Dans Oil’s Deep State, M. Taft dévoile les manœuvres de l’industrie pétrolière pour influencer les gouvernements et leur appareil, ainsi que les institutions publiques comme les universités. Dans les années 1980 et 1990, M. Taft écrit dans Maclean’s : « Les scientifiques universitaires et gouvernementaux ont mené des recherches ; des fonctionnaires ont préparé des plans et des lois pour réduire les émissions ; les partis politiques se sont engagés à agir ; et le Parlement du Canada a signé des accords internationaux sur les changements climatiques. » Puis, le gouvernement Harper s’est retiré du Protocole de Kyoto, a coupé le financement pour la recherche et a bâillonné les scientifiques. Depuis leur élection en 2015, les Libéraux fédéraux et le NPD de l’Alberta ont maintenu l’appui aux projets et aux infrastructures liés aux énergies fossiles.
Au début d’octobre, Julie Gelfand, commissaire fédérale à l’environnement, a donné au gouvernement une note d’échec sur les changements climatiques, en soulignant que seulement cinq des 19 services gouvernementaux examinés avaient évalué les risques climatiques et envisagé des moyens d’action.
M.Taft étudie aussi comment l’argent des pétrolières a compromis l’indépendance des universités. Un rapport récent publié par Alison Hearn, de la University of Western Ontario, appuyé par Gus Van Harten, de l’Université York, démontre que le financement accordé par Enbridge à l’University of Calgary a créé des conflits d’intérêts, compromis son indépendance et permis à l’entreprise d’influencer les prises de décision.
Ce n’est pas la première fois que l’University of Calgary se fait prendre dans des scandales impliquant l’industrie pétrolière. En 2004, Barry Cooper, professeur de sciences politiques, a ouvert des comptes de recherche pour acheminer secrètement des dons, principalement versés par l’industrie gazière et pétrolière, au groupe bien mal nommé Friends of Science pour soutenir ses efforts destinés à contester la science climatique et à promouvoir le rejet du Protocole de Kyoto.
M. Taft étudie aussi le cas de Bruce Carson, un conseiller principal du premier ministre Stephen Harper, qui a été mandaté pour ouvrir un institut de l’énergie à l’University of Calgary et qui, par la suite, a été accusé à trois reprises de lobbying illégal pour le compte de l’industrie pétrolière.
Dans une entrevue accordée au Desmog Blog, M. Taf a déclaré : « Dès les années 1960, les universités constituaient la pierre angulaire d’une grande partie de la recherche sur le réchauffement planétaire. Pour gagner la bataille et retarder toute action contre ce réchauffement, l’industrie pétrolière devait accroître son influence dans les universités pour atténuer, déformer ou contrer toute information scientifique qu’elles publiaient.
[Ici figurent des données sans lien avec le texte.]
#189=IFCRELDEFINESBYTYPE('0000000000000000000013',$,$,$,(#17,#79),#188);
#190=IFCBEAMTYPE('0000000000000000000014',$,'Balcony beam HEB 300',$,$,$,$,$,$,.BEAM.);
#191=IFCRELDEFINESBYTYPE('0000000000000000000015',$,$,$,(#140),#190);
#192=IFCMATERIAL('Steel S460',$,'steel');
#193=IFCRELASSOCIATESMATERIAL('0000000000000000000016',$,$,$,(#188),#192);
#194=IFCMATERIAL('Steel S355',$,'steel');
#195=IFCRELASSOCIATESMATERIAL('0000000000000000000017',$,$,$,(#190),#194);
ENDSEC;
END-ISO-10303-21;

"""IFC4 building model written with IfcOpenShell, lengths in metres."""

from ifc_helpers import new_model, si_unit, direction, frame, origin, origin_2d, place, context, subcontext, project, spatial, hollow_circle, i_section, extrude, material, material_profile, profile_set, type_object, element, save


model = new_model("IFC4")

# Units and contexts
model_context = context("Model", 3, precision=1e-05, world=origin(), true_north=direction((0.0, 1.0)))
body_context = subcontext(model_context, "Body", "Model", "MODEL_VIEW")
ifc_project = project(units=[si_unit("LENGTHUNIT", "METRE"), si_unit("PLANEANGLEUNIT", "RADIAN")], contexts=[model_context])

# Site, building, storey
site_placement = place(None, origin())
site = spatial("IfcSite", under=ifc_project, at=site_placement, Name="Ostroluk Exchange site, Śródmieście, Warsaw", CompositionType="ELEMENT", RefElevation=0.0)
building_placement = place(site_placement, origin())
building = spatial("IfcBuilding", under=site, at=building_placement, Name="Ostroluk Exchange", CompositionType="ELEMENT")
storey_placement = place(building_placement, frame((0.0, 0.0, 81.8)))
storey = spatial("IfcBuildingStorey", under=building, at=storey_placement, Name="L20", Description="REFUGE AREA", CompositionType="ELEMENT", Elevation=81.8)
Elles ont réussi de façon significative. »
La démocratie fonctionne… si nous y participons. Mais, elle ne fonctionnera pas si nous sacrifions nos droits au profit des entreprises. Nous devons nous faire entendre au bureau de vote, mais aussi entre les élections. Nous devons rappeler aux politiciens que nous les soutiendrons à condition qu’ils fassent passer nos intérêts en premier.